The YSB Dragon System is underappreciated in today’s kungfu culture, partly because Snake symbolism is often attached to Yin Fu’s personal fighting style. The popularity of the Luohan Penetrating Palms styling in most Yin Style branches is the primary reason for the ‘snake’ characteristics- snakes are a symbol of SPEARS.  The Luohan Penetrating Palm sets cater to instruments such as the short spear. It is worth noting William E. Fairbairn’s Baguazhang teacher (Cui Zhendong/disciple of Yin Fu), represented Shaolin Dragon & Tiger methods in the early 20th century. The system at the time was not labeled as ‘Baguazhang’. Dragon and Tiger symbolism in northern Shaolin styles trace back to General Qi Jiguang and Yu Dayou, renown as the Tiger and Dragon of the Ming Dynasty. The most iconic palm in mainstream Baguazhang is represented by the tiger mouth- the Shaolin stick method is represented by the Dragon… Dragons have significance to the Beiyang New Army towards the later part of Yin Fu’s career. The most prominent feature of the new army saber is the enamel ornament on the shank. The saber distinguishes the ranks of the officers and military ranks with the number of dragons/in the knives/on the knives: senior officers are sorghum Dragon pattern, five dragon claws; intermediate officers are Pingyi dragon pattern, three dragon claws; lower-level officers do not have patterns, no dragon claws. The dragon was the symbol of the imperial power of the Qing Dynasty and the symbol of the emperor. It was hoped that this new army at that time would become an important force for the maintenance of the imperial rule of the Qing Dynasty.  [Yin Style Bagua Dragon System contains officer saber methods, bayonet, cudgel, and restraint/close quarters strategy of Imperial Guards]

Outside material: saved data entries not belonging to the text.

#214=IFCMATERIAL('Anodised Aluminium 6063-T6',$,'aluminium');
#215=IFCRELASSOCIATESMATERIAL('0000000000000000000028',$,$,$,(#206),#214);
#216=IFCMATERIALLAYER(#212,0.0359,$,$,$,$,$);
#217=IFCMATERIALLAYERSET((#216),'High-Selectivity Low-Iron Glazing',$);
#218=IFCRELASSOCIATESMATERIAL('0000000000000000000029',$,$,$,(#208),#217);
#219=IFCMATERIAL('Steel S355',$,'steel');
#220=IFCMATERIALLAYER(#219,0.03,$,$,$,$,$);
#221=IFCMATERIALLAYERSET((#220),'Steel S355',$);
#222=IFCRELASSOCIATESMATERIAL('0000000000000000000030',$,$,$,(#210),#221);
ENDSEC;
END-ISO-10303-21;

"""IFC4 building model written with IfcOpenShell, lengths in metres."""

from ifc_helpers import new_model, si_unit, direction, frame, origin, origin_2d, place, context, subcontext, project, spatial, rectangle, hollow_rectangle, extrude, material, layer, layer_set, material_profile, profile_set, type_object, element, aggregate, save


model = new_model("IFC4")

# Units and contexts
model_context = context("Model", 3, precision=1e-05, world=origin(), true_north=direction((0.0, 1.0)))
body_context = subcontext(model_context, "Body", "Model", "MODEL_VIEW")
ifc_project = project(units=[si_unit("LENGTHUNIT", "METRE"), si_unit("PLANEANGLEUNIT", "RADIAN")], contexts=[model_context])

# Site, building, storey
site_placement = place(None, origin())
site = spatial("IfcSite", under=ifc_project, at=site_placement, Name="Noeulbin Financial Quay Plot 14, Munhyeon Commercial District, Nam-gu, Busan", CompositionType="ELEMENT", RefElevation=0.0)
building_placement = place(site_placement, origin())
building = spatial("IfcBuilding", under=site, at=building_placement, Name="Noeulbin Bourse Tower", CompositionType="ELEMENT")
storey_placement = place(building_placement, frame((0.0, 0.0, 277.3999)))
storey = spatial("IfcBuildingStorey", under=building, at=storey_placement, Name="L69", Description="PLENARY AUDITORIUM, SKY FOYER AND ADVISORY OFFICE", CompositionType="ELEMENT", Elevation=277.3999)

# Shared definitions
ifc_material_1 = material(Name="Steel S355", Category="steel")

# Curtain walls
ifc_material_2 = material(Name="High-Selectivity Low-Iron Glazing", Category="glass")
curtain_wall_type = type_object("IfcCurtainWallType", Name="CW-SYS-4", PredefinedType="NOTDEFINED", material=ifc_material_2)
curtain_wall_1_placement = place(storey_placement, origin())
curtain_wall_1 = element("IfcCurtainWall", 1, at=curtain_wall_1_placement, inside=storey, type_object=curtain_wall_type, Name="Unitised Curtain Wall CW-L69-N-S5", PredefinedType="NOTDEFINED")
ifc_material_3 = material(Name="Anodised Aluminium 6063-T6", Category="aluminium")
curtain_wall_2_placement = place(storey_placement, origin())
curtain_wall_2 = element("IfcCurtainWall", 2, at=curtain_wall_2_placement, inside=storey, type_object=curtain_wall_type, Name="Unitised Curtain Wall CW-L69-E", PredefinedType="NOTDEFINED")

Long To Short Range – Bajiquan

Bajiquan is known for its elbow strikes and short-range power. Similar to Muay Thai’s “Eight Limbs”, Bajiquan uses “Eight Weapons” to strike – Feet, Knees, Hips, Body, Shoulders, Elbows, Arms and Head. It is built for close in-fighting, engaging aggressively from a longer range to short distance. 

Boxing Of Chinese Knights – Bajiquan

Bajiquan is renown for its explosive, short-range power and is iconic for its elbow and shoulder strikes- descending from the heavy armor era in feudal dynasties. Though pugilistic sports are uncommon in ancient China, Bajiquan contains boxing methods of Ming-era knights.

The Soul Of Baguazhang – Ming Dynasty Sword Classics

In modern Baguazhang schools, the Giant Sword and Saber is often emphasized, regardless of branch or styles. In fact, many instructors today regard the sword as the soul of Baguazhang structures, in feudal times… While this theory certainly has merit, Feudal Academia is not here to play guessing games. 10 out of 10 Chinese scholars agree that the cold weapon technology of the Qing Dynasty is inherited directly from the Ming.  IRFS provides clear documentation, tracking the longsword foundation to Yu Dazhao in the era of General Qijiguang. Yu Dazhao wrote a book called “The Sword Classic”:  the techniques illustrated include the iconic  T-step/shape footwork entries of triangular point-stepping, describes the sword method as ‘running water’, a continuous striking which ‘flows with the force’, demonstrates ‘reversing the body’ and ‘heaven and earth’ usage of the longsword… last and most importantly, THE SWORD CLASSIC IS A BOOK ABOUT STICKS [aka polearms] FOR PIKEMAN OF THE ARMY!!

The Practical Isn’t Pretty- General Qi Jiguang

Most Internal Martial Arts in origin, descend or are significantly influenced by Ming General Qi Jiguang, a pioneer of kungfu in medieval China.  His ancient proverb states that the “pretty is not practical and the practical is not pretty.” Feudal Scholars believe Qi Jiguang is describing YIN STYLE BAGUAZHANG- a raw historical artifact of terrifying prowess and prestige.  Many have yet to realize, feudal Baguazhang does not look like the performance-based demonstrations often represented in modern kungfu cinema.  To judge an ancient fighting art using contemporary Peking Opera-fu aesthetics guidelines- is a prime reason why there are Kungfu vs MMA discussions in modern times.